Я заметил, что Мэлинг говорит о своем желудке, словно о каком-то мерзком животном. Уныло оглядев костяшки пальцев, он тихо сказал:
— Я теперь боюсь всяких новых звуков. Ничего нельзя знать заранее: к одним звукам он равнодушен, а другие — ну, словно завораживают его, что ли. С первого раза. В прошлом году, когда сверлили мостовую на Пикадилли, это был грохот отбойных молотков. И вот всякий раз после обеда во мне начинали грохотать эти самые молотки.
— Должно быть, вы перепробовали все обычные слабительные? — спросил я довольно глупо, и мне вспоминается, что на лице бедняги Мэлинга — а с тех пор я его никогда уже больше не видел — выразилось отчаяние, словно он распрощался со всякой надеждой найти понимание хоть в одной-единственной душе.
Я потому никогда его больше не видел, что война оторвала меня от типографского дела и обрекла на всякого рода случайные занятия, так что я лишь понаслышке знаю о том необычном заседании директоров двух компаний, из-за которого и разбилось сердце бедняги Мэлинга.
Уже примерно с неделю Гитлер вел против Англии «блиц-и-бац-криг», как выражались газеты.

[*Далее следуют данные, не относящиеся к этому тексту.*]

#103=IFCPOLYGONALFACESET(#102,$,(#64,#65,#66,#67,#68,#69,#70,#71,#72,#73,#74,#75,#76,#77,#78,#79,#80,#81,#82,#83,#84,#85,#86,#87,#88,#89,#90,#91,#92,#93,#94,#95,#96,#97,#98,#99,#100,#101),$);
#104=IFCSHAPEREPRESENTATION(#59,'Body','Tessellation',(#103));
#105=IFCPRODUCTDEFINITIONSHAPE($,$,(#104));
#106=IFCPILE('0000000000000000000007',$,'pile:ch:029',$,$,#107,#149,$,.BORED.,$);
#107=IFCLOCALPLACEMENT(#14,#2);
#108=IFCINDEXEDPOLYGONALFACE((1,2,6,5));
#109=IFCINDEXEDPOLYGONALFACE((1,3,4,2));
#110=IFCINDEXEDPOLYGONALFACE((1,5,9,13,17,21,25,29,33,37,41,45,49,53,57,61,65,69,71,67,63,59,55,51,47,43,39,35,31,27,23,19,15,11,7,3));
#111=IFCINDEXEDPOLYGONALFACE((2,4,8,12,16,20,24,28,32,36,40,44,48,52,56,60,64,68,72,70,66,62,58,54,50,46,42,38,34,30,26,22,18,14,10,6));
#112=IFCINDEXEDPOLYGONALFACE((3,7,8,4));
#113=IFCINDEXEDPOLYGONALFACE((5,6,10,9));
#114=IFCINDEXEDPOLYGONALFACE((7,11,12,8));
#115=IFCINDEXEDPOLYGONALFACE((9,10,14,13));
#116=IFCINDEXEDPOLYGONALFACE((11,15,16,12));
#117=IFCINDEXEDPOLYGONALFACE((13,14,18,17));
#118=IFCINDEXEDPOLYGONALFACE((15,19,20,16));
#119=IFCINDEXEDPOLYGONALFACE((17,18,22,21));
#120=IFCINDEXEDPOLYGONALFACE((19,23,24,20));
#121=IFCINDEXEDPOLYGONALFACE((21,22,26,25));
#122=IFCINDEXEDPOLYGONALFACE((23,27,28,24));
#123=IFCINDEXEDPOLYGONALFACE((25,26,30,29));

Мы, лондонцы, начали было привыкать к тому, что ежедневно бывает по пять-шесть воздушных тревог, но третьего сентября, в годовщину войны, день начался сравнительно спокойно. И все же у всех было такое чувство, что Гитлер может ознаменовать эту годовщину массированным налетом. Вот почему совместное заседание директоров компаний «Симкокс» и «Хайт» проходило в несколько напряженной атмосфере.

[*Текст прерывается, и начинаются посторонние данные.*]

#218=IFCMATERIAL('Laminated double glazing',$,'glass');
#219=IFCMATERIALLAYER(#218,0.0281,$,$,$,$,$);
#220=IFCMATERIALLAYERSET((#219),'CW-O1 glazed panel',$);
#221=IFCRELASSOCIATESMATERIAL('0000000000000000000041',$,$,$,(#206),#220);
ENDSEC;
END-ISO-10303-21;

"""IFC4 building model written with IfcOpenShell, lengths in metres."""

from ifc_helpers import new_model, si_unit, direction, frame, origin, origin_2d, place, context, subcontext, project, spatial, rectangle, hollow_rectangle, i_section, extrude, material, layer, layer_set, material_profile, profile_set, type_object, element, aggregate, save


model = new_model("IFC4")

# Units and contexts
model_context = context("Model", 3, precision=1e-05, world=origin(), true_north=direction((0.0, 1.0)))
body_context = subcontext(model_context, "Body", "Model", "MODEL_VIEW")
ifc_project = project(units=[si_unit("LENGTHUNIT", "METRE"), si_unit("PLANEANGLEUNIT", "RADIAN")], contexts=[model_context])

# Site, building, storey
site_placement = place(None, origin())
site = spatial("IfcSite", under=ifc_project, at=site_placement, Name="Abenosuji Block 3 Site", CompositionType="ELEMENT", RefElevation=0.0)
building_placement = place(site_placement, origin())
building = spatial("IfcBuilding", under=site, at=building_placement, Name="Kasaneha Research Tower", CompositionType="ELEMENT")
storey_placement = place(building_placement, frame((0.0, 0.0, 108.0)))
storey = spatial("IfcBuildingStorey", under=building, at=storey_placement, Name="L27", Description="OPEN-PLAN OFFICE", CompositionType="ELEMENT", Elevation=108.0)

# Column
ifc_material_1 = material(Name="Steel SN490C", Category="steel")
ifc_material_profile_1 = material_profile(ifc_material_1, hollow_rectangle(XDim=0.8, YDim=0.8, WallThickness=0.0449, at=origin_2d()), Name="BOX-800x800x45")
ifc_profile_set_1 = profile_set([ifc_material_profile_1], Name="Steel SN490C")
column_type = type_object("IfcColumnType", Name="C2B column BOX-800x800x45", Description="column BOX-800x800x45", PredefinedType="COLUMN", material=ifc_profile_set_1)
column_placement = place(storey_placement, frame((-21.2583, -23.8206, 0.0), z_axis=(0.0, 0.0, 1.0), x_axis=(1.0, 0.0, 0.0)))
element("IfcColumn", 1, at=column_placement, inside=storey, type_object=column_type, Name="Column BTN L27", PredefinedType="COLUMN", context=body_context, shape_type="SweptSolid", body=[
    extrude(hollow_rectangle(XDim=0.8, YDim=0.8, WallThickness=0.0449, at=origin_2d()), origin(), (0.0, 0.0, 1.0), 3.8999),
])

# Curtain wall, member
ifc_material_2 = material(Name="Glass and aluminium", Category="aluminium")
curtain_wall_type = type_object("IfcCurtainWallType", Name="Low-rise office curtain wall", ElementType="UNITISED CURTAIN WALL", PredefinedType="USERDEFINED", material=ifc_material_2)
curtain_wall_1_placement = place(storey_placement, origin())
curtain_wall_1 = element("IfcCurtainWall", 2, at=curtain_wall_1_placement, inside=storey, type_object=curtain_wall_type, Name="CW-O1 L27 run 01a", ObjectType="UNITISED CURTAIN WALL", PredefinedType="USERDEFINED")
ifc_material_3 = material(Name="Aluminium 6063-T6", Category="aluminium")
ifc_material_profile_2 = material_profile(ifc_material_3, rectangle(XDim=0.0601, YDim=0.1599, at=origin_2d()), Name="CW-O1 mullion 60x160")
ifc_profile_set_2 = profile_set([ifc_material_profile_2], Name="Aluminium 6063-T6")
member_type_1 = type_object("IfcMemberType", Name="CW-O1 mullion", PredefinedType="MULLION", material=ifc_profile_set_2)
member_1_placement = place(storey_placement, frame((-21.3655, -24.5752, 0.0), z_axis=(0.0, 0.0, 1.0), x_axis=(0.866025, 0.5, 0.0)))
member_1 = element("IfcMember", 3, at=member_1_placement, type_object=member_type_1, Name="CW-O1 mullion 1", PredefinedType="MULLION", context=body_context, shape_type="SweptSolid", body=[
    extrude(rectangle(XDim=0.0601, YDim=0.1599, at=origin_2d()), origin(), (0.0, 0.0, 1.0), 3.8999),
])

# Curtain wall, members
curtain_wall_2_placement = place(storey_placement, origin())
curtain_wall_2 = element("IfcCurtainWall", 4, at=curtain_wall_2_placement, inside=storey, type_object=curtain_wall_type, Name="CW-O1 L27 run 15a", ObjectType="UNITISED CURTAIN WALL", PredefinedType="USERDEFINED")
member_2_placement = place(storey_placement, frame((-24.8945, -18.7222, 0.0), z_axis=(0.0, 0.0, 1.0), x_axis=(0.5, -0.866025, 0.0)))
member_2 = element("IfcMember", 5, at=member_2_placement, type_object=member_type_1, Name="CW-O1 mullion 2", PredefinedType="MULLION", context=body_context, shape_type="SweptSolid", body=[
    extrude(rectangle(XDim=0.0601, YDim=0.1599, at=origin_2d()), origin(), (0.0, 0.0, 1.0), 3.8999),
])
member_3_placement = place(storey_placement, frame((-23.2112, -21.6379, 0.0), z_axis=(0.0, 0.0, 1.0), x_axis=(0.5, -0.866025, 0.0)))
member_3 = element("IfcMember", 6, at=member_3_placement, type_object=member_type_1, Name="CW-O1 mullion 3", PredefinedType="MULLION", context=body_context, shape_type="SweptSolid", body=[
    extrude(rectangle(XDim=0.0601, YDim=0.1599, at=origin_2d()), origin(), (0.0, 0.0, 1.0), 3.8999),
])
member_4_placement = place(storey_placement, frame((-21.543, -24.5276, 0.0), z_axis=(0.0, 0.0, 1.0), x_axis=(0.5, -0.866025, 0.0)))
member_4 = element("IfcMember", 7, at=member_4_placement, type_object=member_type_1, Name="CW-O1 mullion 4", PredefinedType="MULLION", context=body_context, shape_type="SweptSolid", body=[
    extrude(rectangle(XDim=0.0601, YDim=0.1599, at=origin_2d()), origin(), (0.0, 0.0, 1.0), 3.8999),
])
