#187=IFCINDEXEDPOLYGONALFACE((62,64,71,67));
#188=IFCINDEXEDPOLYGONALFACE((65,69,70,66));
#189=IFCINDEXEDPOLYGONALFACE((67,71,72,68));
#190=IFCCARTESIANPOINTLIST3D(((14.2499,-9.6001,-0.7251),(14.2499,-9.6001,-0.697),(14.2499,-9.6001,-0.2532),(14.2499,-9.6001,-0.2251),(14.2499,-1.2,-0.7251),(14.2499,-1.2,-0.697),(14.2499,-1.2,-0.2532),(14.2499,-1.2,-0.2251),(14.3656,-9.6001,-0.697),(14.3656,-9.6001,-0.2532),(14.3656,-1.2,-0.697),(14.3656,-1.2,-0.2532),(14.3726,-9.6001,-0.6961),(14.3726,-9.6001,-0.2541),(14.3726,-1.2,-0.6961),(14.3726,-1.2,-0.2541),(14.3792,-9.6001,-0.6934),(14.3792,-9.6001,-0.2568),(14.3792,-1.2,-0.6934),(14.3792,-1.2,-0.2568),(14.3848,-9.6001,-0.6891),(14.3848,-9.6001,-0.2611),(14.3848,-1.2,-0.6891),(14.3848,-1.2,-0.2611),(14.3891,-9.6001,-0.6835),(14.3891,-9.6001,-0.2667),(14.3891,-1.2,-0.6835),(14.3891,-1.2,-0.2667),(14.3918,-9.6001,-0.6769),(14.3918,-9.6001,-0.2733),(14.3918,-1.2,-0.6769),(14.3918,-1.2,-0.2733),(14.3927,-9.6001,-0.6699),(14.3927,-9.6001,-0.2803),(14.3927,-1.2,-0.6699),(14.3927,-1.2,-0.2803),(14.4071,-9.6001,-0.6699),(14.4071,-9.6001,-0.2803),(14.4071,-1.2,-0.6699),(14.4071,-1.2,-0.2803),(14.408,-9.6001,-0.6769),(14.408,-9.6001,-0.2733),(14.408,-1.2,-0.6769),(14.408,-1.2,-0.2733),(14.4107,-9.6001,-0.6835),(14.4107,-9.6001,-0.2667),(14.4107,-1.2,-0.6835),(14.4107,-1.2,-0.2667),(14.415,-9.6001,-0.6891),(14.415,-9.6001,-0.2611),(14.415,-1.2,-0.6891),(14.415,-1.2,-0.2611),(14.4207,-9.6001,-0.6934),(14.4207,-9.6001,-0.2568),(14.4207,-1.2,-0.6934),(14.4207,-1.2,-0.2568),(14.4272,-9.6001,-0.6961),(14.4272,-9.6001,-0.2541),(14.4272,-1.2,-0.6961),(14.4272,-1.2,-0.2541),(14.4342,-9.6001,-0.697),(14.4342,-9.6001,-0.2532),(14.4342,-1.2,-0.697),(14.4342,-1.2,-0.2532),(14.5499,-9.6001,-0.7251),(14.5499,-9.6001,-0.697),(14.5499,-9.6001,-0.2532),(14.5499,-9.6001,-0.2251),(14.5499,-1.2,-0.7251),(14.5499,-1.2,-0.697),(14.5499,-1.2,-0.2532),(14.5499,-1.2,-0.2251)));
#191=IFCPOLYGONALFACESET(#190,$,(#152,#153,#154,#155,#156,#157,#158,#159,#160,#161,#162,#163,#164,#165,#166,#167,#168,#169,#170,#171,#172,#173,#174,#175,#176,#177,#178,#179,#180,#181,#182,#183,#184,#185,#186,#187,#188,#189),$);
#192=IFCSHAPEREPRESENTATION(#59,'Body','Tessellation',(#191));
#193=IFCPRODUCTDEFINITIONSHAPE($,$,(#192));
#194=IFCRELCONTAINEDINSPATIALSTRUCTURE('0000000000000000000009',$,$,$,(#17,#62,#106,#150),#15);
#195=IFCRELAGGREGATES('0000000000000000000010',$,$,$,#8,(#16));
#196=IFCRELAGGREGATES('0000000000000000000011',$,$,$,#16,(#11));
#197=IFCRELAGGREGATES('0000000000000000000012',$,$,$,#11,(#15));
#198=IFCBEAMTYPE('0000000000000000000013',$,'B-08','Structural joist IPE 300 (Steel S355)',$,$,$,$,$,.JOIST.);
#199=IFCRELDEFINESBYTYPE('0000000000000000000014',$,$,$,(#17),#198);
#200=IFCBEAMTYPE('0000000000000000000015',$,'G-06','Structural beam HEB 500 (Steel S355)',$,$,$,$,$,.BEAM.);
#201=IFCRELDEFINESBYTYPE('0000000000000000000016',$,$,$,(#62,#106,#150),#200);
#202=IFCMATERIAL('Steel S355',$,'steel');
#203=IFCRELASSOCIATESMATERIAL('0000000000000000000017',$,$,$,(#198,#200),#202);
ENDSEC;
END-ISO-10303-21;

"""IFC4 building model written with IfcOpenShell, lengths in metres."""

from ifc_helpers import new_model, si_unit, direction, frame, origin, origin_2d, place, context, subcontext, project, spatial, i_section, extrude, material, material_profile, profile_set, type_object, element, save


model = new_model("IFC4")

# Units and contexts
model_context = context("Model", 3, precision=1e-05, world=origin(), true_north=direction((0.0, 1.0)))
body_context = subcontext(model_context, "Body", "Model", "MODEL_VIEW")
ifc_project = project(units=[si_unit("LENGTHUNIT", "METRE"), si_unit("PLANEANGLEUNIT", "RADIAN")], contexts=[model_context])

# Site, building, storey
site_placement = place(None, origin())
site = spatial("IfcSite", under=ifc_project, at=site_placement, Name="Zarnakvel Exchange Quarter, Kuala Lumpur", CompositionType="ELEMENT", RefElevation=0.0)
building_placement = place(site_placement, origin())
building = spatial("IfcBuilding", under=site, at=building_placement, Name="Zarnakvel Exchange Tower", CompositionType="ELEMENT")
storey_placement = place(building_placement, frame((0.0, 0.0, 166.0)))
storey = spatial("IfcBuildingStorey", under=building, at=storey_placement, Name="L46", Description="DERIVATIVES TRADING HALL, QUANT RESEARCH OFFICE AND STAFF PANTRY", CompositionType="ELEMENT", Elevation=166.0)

Оно состоялось в грязноватой, набитой реликвиями комнатушке над конторой Симкокса на Феттер-лейн: круглый стол, принадлежавший еще самому первому Джошуа Симкоксу, гравюра с изображением типографии, датированная 1875 годом, и Библия, словно попавшая сюда ненароком, — единственная книга, когда-либо ютившаяся в застекленном книжном шкафу, если не считать справочника с образцами шрифтов. Председательствовал старый сэр Джошуа Симкокс. Вы без труда можете представить себе его белоснежные волосы и бледное, словно вареная свинина, лицо с чертами типичного нонконформиста. Присутствовали также Уэстби Хайт и еще с полдесятка директоров — люди с хитрыми, узкими физиономиями, облаченные в черные пиджаки хорошего покроя. Вид у них всех был несколько напряженный. Чтобы обойти новый закон о подоходном налоге, надо было действовать быстро. Что касается Мэлинга, то он сидел, пригнувшись к своему блокноту, в лихорадочной готовности дать любую справку любому, кто к нему обратится.